我从读ZeroMQ指南中文版开始接触ZeroMQ，改写了一个最简单的示例：接收消息返回World。
服务器端

import time
import json
import zmq
context = zmq.Context()
socket = context.socket(zmq.REP)
socket.bind("tcp://*:5555")
while True:
    #  Wait for next request from client
    message = socket.recv()
    request_body = json.loads(message)
    print("Received request: %s" % message)
    #  Do some 'work'
    time.sleep(0.001)
    #  Send reply back to client
    socket.send(b"World")

客户端

import zmq
import json
context = zmq.Context()
#  Socket to talk to server
print("Connecting to hello world server...")
socket = context.socket(zmq.REQ)
socket.connect("tcp://localhost:5555")
#  Do 10 requests, waiting each time for a response
for request in range(10):
    print("Sending request %s ..." % request)
    request_body = {
        'command': 'list',
        'type': 'command'
    }
    socket.send(json.dumps(request_body))
    #  Get the reply.
    message = socket.recv()
    print("Received reply %s [ %s ]" % (request, message))

先运行服务器端，再运行客户端，server的运行结果：

$ python server.py
Received request: {"type": "command", "command": "list"}
Received request: {"type": "command", "command": "list"}
Received request: {"type": "command", "command": "list"}
Received request: {"type": "command", "command": "list"}
Received request: {"type": "command", "command": "list"}
Received request: {"type": "command", "command": "list"}
Received request: {"type": "command", "command": "list"}
Received request: {"type": "command", "command": "list"}
Received request: {"type": "command", "command": "list"}
Received request: {"type": "command", "command": "list"}

client的运行结果：

$ python client.py
Connecting to hello world server...
Sending request 0 ...
Received reply 0 [ World ]
Sending request 1 ...
Received reply 1 [ World ]
Sending request 2 ...
Received reply 2 [ World ]
Sending request 3 ...
Received reply 3 [ World ]
Sending request 4 ...
Received reply 4 [ World ]
Sending request 5 ...
Received reply 5 [ World ]
Sending request 6 ...
Received reply 6 [ World ]
Sending request 7 ...
Received reply 7 [ World ]
Sending request 8 ...
Received reply 8 [ World ]
Sending request 9 ...
Received reply 9 [ World ]

这是最简单的socket通信。
之后尝试了几个指南第一章提到的例子，粗略看了下第二章，后面的三至五章没看。

改写日志收集数据流

以目前掌握的知识写一个基于ZeroMQ的数据收集系统，但不太成功。
上面配图中给出我的需求，多个app产生日志信息，并有多个订阅者接收日志信息。
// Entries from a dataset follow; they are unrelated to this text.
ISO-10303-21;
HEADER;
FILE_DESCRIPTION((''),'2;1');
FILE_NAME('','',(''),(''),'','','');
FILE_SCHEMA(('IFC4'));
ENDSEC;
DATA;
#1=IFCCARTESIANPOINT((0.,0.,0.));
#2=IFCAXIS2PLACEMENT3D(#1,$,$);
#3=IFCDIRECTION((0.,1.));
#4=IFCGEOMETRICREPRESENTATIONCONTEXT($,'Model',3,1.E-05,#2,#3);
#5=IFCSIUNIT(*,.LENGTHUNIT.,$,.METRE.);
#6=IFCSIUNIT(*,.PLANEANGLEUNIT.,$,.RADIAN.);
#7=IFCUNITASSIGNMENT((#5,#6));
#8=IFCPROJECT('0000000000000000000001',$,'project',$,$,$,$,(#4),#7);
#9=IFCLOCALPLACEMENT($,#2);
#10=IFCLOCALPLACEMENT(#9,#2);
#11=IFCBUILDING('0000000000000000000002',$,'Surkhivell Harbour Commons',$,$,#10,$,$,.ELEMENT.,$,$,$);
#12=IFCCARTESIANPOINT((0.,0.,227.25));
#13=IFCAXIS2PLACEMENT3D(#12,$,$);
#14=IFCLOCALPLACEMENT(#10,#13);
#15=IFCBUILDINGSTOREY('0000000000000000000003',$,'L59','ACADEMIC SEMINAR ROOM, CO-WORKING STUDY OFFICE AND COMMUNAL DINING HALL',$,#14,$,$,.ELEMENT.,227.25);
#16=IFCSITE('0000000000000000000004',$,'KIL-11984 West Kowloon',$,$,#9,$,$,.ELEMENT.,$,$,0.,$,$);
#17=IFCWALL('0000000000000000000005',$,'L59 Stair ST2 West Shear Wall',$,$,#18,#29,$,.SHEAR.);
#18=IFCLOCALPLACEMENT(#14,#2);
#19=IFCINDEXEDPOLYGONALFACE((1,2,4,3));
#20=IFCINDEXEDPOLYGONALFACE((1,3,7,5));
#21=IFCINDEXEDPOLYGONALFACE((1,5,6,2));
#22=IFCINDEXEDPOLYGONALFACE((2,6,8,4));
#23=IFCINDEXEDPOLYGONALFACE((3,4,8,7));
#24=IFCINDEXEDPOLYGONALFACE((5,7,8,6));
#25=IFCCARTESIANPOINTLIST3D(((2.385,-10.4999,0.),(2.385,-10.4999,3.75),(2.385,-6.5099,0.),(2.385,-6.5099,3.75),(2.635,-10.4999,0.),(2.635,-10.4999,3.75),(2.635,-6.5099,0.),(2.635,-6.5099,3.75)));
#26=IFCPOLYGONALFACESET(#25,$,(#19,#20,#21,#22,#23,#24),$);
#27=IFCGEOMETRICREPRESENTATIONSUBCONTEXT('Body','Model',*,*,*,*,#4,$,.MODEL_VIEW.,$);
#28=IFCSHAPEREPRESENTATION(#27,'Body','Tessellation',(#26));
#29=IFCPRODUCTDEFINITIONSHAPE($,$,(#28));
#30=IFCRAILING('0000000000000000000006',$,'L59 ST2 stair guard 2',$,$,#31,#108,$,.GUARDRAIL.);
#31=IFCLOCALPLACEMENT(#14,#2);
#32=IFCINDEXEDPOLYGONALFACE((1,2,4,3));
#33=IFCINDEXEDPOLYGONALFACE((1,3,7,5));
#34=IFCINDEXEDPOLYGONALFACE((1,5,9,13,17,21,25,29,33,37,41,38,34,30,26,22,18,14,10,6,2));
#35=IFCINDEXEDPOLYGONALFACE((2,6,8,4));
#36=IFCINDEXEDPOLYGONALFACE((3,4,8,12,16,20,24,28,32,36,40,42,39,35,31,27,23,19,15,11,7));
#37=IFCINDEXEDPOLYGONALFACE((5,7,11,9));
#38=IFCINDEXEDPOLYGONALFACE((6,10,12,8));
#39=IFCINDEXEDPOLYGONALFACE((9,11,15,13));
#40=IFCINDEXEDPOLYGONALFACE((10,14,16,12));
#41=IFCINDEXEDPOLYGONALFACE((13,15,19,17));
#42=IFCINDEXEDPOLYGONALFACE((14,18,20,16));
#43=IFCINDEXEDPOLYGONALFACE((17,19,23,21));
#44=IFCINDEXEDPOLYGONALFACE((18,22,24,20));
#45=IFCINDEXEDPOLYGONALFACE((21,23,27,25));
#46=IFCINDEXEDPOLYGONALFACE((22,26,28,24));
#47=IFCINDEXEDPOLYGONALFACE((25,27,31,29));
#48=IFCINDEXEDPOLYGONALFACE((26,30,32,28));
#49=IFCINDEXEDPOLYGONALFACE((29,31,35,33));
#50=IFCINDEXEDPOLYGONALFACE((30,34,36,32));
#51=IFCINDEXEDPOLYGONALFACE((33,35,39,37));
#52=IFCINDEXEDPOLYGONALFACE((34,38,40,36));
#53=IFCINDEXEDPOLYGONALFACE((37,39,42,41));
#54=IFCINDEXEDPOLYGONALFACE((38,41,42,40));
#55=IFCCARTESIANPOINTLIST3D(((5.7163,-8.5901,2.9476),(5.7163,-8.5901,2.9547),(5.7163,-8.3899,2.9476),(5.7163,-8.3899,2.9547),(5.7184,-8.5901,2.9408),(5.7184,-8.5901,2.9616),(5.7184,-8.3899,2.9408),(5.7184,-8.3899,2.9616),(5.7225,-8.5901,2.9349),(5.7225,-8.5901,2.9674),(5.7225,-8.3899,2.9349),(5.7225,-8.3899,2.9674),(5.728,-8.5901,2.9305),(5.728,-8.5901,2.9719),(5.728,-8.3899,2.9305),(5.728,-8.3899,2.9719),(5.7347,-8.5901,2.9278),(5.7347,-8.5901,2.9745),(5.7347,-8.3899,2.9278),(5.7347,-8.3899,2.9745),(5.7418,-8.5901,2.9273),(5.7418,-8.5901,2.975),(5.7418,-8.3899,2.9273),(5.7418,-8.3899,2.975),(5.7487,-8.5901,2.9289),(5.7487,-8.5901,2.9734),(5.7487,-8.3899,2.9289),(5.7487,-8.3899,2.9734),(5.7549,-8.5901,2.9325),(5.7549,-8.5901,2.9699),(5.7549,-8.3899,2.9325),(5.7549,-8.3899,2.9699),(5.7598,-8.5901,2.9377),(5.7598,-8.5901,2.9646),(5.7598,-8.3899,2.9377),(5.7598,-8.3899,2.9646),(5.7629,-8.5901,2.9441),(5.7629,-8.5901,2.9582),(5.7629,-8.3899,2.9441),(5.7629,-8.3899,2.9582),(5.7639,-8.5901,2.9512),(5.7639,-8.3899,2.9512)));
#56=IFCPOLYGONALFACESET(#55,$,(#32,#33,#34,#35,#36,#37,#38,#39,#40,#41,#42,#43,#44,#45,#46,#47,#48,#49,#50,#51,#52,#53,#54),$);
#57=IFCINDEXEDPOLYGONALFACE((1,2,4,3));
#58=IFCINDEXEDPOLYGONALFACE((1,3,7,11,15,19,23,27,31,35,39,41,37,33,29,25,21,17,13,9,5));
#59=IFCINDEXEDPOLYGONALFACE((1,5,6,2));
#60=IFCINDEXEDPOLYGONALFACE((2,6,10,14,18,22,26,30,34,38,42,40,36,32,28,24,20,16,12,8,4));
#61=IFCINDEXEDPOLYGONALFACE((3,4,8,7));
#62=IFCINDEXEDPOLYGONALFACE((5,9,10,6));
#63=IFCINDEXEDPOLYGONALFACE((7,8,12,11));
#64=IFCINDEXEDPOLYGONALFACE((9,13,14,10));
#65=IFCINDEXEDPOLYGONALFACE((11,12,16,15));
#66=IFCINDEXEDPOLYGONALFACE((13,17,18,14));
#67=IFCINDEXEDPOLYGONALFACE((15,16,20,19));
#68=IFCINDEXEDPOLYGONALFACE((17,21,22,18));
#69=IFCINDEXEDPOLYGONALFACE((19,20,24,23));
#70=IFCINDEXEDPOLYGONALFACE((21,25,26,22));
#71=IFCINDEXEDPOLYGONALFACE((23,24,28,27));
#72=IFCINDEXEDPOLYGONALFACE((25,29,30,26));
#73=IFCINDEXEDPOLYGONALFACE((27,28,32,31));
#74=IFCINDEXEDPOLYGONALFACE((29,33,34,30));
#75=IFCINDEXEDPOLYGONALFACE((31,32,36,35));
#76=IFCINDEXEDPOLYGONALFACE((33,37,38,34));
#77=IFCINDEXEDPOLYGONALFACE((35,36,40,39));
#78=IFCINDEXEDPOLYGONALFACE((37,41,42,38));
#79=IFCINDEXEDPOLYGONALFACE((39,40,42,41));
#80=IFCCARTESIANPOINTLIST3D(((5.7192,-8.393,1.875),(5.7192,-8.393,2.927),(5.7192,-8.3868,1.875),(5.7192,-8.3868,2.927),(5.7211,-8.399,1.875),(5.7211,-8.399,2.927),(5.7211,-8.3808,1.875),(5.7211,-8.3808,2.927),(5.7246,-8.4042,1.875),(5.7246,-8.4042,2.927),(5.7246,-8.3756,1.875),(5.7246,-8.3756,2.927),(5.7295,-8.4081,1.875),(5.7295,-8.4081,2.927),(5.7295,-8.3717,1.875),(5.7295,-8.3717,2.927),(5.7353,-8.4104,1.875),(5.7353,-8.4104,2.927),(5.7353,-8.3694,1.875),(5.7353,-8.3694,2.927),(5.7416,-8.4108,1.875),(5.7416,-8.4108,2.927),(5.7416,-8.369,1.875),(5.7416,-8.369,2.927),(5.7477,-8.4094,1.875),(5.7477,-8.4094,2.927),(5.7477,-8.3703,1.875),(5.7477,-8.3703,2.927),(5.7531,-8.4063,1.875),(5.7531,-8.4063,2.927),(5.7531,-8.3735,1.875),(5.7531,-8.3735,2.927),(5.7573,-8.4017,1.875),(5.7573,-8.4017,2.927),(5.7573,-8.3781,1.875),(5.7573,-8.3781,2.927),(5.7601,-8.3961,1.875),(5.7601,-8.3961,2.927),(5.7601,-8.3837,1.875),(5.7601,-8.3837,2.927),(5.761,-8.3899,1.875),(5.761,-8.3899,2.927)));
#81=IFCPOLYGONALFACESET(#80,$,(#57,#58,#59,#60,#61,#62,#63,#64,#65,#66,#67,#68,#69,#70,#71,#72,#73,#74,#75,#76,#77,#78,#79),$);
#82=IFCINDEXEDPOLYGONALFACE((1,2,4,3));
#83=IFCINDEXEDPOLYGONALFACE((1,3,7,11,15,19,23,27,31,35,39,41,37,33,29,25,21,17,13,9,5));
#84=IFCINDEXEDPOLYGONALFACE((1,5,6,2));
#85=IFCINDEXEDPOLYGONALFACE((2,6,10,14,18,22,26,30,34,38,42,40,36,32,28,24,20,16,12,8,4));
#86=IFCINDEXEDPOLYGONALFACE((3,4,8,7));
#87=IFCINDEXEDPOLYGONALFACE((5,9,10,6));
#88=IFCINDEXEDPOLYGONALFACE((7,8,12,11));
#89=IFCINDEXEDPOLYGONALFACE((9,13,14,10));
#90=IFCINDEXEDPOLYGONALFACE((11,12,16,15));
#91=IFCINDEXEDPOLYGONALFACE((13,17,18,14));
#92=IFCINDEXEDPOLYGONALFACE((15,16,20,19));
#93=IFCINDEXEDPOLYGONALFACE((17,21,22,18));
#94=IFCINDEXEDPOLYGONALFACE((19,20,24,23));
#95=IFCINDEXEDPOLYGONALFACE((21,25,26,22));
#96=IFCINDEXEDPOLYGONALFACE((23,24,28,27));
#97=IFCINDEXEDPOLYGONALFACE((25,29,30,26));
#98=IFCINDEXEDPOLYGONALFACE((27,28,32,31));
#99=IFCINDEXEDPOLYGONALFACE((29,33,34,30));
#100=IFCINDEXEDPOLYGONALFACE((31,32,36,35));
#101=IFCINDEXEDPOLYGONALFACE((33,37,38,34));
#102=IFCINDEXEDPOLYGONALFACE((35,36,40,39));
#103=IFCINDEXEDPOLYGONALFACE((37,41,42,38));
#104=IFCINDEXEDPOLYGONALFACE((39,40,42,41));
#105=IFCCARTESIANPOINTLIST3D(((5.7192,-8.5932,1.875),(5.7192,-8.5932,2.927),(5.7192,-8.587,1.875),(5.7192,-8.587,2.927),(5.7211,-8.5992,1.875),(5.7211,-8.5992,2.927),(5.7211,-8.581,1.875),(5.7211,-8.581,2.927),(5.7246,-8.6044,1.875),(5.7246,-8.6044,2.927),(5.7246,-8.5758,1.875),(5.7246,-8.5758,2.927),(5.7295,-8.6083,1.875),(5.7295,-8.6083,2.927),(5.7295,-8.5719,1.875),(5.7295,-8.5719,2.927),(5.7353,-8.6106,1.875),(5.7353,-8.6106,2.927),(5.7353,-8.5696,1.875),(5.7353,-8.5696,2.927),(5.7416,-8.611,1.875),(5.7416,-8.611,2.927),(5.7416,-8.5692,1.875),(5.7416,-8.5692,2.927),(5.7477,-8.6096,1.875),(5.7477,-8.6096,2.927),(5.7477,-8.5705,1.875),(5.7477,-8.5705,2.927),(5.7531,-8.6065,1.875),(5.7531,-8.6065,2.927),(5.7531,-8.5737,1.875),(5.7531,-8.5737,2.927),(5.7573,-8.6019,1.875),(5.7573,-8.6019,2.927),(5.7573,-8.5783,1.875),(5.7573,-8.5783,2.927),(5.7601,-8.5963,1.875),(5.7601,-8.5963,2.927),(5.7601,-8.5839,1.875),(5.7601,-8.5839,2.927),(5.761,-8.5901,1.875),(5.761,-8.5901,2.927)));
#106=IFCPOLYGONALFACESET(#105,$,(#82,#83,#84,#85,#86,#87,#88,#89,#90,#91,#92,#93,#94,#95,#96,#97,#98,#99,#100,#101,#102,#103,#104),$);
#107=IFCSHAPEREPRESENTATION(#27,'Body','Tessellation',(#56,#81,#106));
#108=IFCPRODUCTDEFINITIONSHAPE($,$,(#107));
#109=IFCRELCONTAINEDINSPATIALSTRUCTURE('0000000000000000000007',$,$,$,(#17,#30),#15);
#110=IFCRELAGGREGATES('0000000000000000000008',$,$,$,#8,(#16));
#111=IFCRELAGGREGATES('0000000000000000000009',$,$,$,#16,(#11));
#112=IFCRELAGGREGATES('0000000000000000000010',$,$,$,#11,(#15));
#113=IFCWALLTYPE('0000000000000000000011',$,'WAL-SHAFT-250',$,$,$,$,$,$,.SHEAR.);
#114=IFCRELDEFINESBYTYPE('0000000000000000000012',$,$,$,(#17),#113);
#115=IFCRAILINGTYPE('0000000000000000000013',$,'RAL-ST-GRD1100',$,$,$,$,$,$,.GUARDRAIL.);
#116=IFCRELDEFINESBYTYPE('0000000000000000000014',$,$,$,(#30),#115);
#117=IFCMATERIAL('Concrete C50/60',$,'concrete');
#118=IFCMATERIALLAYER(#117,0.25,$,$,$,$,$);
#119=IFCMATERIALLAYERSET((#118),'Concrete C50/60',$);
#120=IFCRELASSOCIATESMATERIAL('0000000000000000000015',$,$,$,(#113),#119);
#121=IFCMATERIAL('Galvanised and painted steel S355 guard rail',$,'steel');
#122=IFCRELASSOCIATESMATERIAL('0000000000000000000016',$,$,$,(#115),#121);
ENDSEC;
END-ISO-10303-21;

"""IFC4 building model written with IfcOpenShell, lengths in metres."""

from ifc_helpers import new_model, si_unit, direction, frame, frame_2d, origin, origin_2d, place, context, subcontext, project, spatial, rectangle, circle, extrude, material, layer, layer_set, type_object, element, save


model = new_model("IFC4")

# Units and contexts
model_context = context("Model", 3, precision=1e-05, world=origin(), true_north=direction((0.0, 1.0)))
body_context = subcontext(model_context, "Body", "Model", "MODEL_VIEW")
ifc_project = project(units=[si_unit("LENGTHUNIT", "METRE"), si_unit("PLANEANGLEUNIT", "RADIAN")], contexts=[model_context])

# Site, building, storey
site_placement = place(None, origin())
site = spatial("IfcSite", under=ifc_project, at=site_placement, Name="KIL-11984 West Kowloon", CompositionType="ELEMENT", RefElevation=0.0)
building_placement = place(site_placement, origin())
building = spatial("IfcBuilding", under=site, at=building_placement, Name="Surkhivell Harbour Commons", CompositionType="ELEMENT")
storey_placement = place(building_placement, frame((0.0, 0.0, 227.25)))
storey = spatial("IfcBuildingStorey", under=building, at=storey_placement, Name="L59", Description="ACADEMIC SEMINAR ROOM, CO-WORKING STUDY OFFICE AND COMMUNAL DINING HALL", CompositionType="ELEMENT", Elevation=227.25)

# Shared definitions
ifc_material_1 = material(Name="Concrete C50/60", Category="concrete")

# Shared definitions
ifc_layer_1 = layer(ifc_material_1, 0.25)
ifc_layer_set_1 = layer_set([ifc_layer_1], Name="Concrete C50/60")
wall_type_1 = type_object("IfcWallType", Name="WAL-SHAFT-250", PredefinedType="SHEAR", material=ifc_layer_set_1)

# Wall
wall_1_placement = place(storey_placement, frame((2.51, -10.5, 0.0), z_axis=(0.0, 0.0, 1.0), x_axis=(0.0, 1.0, 0.0)))
element("IfcWall", 1, at=wall_1_placement, inside=storey, type_object=wall_type_1, Name="L59 Stair ST2 West Shear Wall", PredefinedType="SHEAR", context=body_context, shape_type="SweptSolid", body=[
    extrude(rectangle(XDim=3.99, YDim=0.25, at=frame_2d((1.9951, 0.0))), origin(), (0.0, 0.0, 1.0), 3.75),
])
采用下图的结构

app和collector之间用REQ-REP连接，collector和customer之间用PUB-SUB连接。app将产生的日志发送给collector，collector将日志不加改动地转发到PUB端口中，发送给各个customer，customer接收到日志消息后，进一步处理。
这样设计结构主要针对慢速订阅者（即将日志保存进mysql），但ZeroMQ没有消息持久化，无法确保消息到达，测试时也发现慢速订阅者有消息丢失现象，使该结构成为鸡肋，没达到预期效果。ZeroMQ或许有机制来处理慢速订阅者，有待后续研究。
PS. 具体代码以后再贴，睡觉去了。